BurntSushi/aho-corasick

Question: Matches surrounded by separator characters

kiminuo opened this issue · 3 comments

Hi,

I use aho-corasick algorithm to search for keywords in a text. This example is basically what I use https://github.com/BurntSushi/aho-corasick#example-basic-searching Yet, there is one caveat. I need to find out whether a match (i.e. a found keyword) provided by this algo is surrounded by separator characters (e.g. " ", "?", "!", ".", "*", ",", ";", ":", "\n", "\r", "(", ")", "„", "“", "<", ">").

e.g.

let patterns = &["apple"];
let haystack = "I love Snapple.";

Snapple word contains apple, so it is a match but it is not in form [separator-character]apple[separator-character] so I want to skip this match in my program.

aho-corasick algo returns matches as byte positions - i.e. (keyword_index, start, end) and my text is in UTF8 with non-ascii characters.

I can think of several solutions but I don't find any of them elegant.

Does anyone know a proper-rust-solution for this?
Thank you!

Why did you close this issue? If you found a solution, please share it. :)

My knowledge of Rust is rather limited so the solution may not be great. Anyway, with help of Rust community, I've come up with:

const DELIMITERS: [char; 17] = [' ', '?', '!', '.', '*', ',', ';', ':', '\n', '\r', '(', ')', '„', '“', '<', '>', '\u{c2a0}' /* non-breaking space */ ];

// The idea is to get str slice up to first matching character (i.e. `start`) and take last character. They say that the last character is not O(n) as one may expect but rather O(1) as there is some specialized code in Rust, so it should be fast.
let to_replace = DELIMITERS.contains(&(&text[0..*start]).chars().last().unwrap());

(the code is simplified to test only character before match)

Yes, indeed, that LGTM. And yes, str::Chars::last is a O(1) operation.
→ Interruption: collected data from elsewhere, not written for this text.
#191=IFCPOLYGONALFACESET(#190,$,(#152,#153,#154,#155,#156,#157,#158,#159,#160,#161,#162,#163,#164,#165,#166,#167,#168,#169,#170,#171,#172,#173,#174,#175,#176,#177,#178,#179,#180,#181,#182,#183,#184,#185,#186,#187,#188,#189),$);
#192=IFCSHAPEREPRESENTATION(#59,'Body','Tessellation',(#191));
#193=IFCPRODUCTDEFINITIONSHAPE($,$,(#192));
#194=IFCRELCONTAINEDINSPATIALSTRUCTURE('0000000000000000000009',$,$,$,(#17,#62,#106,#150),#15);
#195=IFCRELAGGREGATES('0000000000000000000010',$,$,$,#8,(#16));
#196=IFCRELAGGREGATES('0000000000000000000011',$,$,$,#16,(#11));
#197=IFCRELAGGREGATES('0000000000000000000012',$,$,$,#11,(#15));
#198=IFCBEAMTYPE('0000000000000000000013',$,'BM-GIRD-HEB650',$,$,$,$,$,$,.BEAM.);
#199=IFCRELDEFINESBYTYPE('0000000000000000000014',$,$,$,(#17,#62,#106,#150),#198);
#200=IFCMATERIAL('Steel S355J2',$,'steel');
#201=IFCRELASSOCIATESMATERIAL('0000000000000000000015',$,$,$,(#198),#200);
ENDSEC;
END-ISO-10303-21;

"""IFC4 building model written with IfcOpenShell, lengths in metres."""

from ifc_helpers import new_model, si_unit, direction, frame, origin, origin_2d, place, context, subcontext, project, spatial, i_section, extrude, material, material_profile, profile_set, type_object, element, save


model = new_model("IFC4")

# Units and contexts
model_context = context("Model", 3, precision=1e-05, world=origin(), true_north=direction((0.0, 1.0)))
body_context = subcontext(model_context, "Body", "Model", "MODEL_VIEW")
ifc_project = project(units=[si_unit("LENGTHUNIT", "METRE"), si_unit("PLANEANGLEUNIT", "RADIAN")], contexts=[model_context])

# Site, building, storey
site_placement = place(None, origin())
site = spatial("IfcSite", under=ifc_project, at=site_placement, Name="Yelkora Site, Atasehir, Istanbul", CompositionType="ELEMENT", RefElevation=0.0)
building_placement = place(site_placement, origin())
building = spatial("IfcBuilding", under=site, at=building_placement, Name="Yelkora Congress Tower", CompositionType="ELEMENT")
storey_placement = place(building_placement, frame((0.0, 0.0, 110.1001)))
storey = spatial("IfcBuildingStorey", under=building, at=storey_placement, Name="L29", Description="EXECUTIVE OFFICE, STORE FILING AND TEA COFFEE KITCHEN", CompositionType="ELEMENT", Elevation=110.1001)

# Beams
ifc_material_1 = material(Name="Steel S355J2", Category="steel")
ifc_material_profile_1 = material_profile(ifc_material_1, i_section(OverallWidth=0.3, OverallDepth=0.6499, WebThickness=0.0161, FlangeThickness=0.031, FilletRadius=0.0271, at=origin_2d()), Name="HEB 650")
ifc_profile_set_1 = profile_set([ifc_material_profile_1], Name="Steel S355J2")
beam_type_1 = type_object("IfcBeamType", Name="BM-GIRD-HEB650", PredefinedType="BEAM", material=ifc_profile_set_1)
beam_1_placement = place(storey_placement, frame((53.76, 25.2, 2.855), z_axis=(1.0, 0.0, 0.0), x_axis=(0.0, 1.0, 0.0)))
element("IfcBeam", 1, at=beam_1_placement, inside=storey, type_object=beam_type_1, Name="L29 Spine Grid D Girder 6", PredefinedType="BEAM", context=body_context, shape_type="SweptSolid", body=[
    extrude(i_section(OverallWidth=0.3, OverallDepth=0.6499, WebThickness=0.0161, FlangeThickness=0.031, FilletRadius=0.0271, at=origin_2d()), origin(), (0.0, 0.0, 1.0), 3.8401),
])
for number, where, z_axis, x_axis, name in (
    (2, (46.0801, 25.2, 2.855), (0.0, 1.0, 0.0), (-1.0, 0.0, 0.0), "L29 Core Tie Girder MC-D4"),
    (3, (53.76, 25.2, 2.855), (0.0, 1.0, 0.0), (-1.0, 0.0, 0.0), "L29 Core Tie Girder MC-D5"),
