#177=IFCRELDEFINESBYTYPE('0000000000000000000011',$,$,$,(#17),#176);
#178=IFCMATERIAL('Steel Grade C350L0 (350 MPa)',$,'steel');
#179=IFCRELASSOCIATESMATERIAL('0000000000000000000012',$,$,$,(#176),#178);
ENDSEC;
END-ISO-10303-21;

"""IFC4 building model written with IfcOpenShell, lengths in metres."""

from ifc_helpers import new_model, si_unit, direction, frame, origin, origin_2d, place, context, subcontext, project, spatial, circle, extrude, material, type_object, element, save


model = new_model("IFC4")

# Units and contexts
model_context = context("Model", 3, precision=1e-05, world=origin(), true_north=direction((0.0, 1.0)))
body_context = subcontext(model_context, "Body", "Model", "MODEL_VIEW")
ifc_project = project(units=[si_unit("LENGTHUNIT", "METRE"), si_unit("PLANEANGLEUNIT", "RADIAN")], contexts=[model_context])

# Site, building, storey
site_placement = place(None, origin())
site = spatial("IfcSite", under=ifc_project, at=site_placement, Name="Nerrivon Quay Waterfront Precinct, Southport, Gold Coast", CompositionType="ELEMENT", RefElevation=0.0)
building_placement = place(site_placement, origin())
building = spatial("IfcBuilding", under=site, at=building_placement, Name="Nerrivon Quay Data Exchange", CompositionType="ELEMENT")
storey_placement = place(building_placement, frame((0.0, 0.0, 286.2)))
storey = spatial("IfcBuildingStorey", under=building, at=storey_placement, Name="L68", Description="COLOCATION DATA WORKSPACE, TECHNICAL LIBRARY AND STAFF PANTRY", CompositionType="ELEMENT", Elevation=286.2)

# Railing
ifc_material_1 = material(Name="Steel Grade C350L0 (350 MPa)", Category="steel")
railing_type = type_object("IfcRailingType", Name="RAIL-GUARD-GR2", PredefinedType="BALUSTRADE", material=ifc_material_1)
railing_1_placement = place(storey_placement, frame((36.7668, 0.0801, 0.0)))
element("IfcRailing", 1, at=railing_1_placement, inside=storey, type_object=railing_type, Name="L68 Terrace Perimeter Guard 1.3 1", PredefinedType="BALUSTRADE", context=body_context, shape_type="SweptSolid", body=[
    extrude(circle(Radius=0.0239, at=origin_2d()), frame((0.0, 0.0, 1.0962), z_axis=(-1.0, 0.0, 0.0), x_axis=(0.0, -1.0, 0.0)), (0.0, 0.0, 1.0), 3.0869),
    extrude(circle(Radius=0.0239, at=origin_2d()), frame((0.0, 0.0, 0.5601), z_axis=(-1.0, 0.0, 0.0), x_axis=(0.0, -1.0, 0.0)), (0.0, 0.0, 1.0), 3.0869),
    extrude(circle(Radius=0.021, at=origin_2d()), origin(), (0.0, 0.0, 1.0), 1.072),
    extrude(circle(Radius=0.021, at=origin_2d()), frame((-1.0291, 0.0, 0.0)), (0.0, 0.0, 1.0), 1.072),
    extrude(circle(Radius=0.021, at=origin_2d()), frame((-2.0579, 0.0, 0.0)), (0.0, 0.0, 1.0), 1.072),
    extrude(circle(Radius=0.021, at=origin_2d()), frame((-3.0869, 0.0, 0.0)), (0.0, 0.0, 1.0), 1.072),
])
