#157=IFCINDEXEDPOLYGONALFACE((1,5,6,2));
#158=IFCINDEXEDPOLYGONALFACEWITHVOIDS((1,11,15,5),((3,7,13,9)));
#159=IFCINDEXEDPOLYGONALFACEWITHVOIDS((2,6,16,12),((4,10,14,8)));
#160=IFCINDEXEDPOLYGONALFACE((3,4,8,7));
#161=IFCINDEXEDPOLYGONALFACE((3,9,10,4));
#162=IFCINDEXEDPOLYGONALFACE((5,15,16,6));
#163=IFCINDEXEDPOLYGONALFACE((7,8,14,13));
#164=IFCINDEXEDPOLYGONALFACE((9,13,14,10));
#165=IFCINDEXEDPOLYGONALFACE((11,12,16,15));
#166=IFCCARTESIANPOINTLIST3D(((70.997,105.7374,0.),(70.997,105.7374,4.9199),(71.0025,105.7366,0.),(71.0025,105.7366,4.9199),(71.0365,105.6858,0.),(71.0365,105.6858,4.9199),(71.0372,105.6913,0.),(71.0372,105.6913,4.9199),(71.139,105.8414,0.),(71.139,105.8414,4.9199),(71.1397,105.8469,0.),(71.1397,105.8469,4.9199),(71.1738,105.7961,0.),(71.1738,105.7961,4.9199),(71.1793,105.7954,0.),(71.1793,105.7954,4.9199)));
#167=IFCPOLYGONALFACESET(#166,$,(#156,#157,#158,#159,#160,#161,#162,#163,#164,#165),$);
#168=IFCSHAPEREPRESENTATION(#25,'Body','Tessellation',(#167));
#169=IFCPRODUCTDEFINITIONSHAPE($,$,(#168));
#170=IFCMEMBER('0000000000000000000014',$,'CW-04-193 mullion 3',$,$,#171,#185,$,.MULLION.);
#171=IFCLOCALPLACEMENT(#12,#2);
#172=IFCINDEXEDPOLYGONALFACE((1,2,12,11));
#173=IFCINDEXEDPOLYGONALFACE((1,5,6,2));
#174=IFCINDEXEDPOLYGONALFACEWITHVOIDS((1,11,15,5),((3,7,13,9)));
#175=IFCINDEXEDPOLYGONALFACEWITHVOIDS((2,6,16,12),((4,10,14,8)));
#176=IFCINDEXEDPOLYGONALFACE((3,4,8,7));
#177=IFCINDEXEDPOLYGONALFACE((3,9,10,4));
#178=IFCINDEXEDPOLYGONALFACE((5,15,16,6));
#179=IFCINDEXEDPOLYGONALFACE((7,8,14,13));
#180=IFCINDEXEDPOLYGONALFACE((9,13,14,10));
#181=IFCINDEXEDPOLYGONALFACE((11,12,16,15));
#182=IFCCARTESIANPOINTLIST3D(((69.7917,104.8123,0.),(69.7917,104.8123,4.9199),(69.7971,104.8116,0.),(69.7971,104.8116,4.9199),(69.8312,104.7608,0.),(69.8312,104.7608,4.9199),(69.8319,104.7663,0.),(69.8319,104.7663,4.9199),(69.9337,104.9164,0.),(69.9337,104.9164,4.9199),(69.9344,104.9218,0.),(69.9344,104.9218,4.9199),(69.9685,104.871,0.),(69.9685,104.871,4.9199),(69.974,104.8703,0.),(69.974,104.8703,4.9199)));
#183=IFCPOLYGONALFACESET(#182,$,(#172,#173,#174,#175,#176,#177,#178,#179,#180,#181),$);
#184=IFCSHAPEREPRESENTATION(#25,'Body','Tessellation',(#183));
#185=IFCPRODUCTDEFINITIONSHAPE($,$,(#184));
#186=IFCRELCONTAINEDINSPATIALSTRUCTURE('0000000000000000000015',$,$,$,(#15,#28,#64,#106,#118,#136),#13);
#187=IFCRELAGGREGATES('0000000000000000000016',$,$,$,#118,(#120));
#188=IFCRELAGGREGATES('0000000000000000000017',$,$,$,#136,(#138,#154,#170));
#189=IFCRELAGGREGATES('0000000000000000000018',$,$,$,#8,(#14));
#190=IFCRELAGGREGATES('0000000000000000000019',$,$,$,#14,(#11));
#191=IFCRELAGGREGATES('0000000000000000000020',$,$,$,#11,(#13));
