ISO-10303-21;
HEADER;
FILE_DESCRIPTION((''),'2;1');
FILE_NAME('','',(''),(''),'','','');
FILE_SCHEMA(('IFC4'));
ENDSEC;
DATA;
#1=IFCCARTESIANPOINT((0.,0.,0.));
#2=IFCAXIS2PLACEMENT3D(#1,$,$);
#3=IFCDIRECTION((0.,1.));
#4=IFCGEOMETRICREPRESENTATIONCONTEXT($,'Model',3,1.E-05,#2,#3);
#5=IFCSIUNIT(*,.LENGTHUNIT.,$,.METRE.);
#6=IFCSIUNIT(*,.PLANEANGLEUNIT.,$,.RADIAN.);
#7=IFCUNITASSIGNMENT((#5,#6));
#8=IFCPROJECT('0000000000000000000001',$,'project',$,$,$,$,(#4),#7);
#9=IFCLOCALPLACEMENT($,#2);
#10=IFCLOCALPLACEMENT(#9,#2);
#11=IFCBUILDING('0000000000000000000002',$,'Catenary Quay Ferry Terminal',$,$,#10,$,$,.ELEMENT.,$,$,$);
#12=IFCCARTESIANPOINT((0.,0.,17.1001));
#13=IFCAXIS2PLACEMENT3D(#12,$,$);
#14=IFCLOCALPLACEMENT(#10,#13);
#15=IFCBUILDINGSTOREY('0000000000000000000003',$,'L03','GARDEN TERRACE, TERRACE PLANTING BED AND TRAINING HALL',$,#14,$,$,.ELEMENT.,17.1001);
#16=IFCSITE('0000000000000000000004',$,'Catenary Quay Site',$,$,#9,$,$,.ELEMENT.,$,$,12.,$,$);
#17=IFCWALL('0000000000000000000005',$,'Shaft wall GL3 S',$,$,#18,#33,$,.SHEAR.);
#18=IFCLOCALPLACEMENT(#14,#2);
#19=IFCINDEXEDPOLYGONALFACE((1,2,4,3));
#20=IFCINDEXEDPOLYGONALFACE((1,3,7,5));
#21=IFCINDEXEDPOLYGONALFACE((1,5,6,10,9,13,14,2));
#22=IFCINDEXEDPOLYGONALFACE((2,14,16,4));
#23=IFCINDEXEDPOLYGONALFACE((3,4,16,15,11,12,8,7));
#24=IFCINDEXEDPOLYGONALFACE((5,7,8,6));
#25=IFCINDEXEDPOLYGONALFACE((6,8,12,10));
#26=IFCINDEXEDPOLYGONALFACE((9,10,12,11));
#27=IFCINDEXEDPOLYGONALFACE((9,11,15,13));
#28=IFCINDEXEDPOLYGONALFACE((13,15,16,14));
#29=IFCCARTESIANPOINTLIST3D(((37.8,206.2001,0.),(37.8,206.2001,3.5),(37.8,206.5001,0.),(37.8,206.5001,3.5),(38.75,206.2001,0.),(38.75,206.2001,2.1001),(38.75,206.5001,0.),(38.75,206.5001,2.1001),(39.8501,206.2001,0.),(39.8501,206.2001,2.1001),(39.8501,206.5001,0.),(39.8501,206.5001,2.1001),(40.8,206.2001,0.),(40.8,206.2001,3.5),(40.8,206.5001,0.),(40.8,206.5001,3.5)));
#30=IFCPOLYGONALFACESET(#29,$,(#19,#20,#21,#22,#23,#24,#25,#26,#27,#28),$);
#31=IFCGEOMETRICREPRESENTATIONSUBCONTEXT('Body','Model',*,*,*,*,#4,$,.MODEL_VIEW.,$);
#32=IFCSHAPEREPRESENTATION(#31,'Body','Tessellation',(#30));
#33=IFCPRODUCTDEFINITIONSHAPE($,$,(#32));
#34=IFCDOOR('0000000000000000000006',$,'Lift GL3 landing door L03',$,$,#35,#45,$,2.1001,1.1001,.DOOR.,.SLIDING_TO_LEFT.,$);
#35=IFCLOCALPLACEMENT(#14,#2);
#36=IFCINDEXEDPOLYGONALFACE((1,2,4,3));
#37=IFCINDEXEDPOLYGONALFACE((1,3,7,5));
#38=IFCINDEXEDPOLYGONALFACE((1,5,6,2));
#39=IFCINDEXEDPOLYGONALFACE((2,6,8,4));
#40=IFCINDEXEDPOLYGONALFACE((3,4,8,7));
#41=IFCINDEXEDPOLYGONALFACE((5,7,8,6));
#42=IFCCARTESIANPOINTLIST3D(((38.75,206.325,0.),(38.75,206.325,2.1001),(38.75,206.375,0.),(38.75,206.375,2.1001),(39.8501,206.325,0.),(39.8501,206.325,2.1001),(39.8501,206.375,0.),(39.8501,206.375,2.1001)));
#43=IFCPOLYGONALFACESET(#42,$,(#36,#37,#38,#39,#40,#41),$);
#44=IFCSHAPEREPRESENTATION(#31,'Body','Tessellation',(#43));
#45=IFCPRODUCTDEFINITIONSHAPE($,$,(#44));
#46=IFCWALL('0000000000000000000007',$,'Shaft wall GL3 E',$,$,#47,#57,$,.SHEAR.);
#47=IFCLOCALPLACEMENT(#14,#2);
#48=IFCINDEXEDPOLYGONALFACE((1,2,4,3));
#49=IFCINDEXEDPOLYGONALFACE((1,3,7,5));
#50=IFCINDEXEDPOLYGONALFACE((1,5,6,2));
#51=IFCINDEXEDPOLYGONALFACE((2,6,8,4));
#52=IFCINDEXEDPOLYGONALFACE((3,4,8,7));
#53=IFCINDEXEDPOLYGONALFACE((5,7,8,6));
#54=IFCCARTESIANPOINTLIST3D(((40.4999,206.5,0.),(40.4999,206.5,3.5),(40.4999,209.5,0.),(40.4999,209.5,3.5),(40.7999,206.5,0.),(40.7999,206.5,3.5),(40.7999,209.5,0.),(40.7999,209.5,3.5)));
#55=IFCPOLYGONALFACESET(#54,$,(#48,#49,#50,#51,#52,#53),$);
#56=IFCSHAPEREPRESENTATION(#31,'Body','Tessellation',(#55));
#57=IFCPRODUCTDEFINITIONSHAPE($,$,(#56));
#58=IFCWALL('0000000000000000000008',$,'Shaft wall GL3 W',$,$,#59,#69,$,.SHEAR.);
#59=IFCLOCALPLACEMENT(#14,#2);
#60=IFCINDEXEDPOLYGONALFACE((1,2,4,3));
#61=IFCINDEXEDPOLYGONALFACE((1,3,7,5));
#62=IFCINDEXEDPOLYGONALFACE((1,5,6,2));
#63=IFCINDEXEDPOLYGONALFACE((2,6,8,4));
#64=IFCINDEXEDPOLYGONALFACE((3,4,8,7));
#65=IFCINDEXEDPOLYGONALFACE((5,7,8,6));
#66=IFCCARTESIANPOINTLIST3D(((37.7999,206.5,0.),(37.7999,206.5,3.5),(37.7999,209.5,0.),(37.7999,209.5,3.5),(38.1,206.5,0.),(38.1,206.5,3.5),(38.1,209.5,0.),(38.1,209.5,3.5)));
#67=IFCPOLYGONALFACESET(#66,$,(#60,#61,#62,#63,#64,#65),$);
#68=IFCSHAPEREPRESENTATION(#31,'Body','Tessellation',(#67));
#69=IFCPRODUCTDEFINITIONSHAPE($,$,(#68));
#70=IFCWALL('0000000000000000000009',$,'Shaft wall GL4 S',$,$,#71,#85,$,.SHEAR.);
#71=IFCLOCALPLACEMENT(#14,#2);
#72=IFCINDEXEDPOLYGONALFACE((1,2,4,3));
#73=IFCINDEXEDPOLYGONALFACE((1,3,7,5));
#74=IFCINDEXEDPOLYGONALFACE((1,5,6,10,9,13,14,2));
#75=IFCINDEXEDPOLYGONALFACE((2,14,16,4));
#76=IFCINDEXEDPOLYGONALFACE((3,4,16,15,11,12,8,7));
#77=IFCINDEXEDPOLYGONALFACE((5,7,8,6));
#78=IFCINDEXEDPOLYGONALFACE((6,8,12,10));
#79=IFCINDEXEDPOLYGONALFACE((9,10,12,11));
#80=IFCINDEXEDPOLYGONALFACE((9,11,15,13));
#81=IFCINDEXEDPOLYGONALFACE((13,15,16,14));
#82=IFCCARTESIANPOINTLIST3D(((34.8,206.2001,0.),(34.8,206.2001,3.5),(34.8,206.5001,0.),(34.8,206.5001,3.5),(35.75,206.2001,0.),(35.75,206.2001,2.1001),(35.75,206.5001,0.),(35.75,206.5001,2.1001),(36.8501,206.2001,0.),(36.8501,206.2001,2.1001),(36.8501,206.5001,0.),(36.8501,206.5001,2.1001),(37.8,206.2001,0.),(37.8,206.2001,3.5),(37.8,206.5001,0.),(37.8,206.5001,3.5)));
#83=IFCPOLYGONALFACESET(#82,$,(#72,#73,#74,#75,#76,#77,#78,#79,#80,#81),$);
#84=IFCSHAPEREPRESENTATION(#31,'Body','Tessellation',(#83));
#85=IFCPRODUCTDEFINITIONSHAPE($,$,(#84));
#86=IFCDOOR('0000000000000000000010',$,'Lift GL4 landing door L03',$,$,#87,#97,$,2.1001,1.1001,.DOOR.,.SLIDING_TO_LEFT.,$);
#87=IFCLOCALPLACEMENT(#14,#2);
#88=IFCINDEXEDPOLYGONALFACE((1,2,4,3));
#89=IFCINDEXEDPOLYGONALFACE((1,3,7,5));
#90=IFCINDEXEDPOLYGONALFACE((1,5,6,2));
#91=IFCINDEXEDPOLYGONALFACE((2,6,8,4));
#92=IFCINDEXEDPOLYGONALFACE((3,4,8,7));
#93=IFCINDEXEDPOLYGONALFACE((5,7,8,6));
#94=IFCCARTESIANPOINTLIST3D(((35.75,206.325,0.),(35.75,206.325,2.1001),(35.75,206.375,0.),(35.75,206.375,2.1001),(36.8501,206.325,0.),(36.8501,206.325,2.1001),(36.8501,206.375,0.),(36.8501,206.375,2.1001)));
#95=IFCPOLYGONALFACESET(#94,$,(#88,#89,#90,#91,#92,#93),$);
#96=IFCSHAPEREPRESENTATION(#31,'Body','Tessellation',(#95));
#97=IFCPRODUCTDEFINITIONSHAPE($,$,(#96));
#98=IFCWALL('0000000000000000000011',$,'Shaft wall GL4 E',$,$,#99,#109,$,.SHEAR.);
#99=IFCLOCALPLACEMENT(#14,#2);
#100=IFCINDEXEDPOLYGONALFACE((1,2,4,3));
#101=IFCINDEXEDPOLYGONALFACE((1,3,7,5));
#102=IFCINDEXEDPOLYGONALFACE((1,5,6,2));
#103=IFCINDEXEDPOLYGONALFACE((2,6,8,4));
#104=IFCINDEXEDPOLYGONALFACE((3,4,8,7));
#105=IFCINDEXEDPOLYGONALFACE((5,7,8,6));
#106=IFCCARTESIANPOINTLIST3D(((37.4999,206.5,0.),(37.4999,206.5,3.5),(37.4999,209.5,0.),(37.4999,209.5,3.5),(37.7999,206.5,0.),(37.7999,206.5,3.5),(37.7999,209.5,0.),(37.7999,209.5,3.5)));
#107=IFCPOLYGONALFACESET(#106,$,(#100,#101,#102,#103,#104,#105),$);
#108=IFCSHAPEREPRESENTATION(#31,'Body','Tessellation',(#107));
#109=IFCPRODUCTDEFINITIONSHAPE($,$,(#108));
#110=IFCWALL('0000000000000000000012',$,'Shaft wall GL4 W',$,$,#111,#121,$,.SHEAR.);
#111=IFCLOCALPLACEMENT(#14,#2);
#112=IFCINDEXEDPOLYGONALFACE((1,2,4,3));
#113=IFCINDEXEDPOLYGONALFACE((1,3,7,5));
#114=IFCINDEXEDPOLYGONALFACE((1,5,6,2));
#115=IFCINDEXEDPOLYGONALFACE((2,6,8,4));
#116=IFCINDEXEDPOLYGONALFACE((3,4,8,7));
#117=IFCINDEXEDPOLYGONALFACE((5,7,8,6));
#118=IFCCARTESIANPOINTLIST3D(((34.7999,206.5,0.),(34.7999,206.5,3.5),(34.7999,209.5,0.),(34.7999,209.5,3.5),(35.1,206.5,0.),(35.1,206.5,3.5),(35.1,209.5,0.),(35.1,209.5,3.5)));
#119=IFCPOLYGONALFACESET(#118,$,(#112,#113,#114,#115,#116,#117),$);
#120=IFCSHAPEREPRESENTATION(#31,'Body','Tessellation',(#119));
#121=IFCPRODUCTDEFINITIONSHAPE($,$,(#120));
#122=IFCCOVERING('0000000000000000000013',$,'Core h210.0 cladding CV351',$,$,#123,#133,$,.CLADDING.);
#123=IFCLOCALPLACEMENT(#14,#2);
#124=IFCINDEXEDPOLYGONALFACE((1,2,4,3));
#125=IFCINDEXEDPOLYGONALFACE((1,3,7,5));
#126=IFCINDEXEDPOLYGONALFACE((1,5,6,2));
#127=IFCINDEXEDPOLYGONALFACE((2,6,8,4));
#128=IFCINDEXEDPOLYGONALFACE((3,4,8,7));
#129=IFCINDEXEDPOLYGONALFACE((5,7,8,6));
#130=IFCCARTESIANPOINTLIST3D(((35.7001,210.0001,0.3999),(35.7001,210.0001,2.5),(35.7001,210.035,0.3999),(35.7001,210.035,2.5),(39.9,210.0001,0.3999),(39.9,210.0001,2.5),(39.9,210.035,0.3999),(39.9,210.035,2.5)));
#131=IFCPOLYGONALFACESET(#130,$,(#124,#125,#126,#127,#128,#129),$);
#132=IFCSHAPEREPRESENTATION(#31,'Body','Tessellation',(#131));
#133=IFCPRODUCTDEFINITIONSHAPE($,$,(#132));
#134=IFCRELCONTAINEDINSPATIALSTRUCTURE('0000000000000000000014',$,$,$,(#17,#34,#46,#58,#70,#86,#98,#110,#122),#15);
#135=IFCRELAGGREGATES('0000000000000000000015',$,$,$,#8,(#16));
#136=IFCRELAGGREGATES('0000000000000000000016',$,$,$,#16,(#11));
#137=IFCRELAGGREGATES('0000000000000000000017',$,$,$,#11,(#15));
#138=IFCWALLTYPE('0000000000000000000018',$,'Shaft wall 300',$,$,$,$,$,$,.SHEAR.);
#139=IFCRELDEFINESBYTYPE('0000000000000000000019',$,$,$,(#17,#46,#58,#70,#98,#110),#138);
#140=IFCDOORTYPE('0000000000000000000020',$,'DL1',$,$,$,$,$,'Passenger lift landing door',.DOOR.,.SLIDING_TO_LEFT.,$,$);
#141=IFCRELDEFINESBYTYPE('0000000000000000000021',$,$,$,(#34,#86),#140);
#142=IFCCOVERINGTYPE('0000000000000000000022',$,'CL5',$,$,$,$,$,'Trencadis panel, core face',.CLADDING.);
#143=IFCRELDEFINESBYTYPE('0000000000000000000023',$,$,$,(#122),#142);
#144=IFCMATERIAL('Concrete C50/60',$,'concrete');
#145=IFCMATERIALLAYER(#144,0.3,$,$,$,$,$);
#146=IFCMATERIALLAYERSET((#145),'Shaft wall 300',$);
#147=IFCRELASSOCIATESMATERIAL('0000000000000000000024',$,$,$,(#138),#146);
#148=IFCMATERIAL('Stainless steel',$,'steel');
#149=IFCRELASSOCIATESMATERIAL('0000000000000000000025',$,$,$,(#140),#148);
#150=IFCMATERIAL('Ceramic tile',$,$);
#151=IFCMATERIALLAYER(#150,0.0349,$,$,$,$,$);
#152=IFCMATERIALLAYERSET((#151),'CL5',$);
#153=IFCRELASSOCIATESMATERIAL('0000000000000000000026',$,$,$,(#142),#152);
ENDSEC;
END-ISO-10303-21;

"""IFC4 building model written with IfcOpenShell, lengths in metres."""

from ifc_helpers import new_model, si_unit, direction, frame, frame_2d, origin, origin_2d, place, context, subcontext, project, spatial, rectangle, extrude, material, layer, layer_set, type_object, element, fill, save


model = new_model("IFC4")

# Units and contexts
model_context = context("Model", 3, precision=1e-05, world=origin(), true_north=direction((0.0, 1.0)))
body_context = subcontext(model_context, "Body", "Model", "MODEL_VIEW")
ifc_project = project(units=[si_unit("LENGTHUNIT", "METRE"), si_unit("PLANEANGLEUNIT", "RADIAN")], contexts=[model_context])

# Site, building, storey
site_placement = place(None, origin())
site = spatial("IfcSite", under=ifc_project, at=site_placement, Name="Catenary Quay Site", CompositionType="ELEMENT", RefElevation=12.0)
building_placement = place(site_placement, origin())
building = spatial("IfcBuilding", under=site, at=building_placement, Name="Catenary Quay Ferry Terminal", CompositionType="ELEMENT")
storey_placement = place(building_placement, frame((0.0, 0.0, 17.1001)))
storey = spatial("IfcBuildingStorey", under=building, at=storey_placement, Name="L03", Description="GARDEN TERRACE, TERRACE PLANTING BED AND TRAINING HALL", CompositionType="ELEMENT", Elevation=17.1001)

# Shared definitions
ifc_material_1 = material(Name="Concrete C50/60", Category="concrete")
ifc_layer_1 = layer(ifc_material_1, 0.3)
ifc_layer_set_1 = layer_set([ifc_layer_1], Name="Shaft wall 300")
wall_type_1 = type_object("IfcWallType", Name="Shaft wall 300", PredefinedType="SHEAR", material=ifc_layer_set_1)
Also, if you're searching for a small number of strings, you could also just use a regex. Although Aho-Corasick will probably be faster. Hard to say.

I'm happy to help with other text search questions you might have. In the future though, it would be much appreciate if you could post your full program. It's hard to help without that.

I'll close this now since it seems like you have an answer!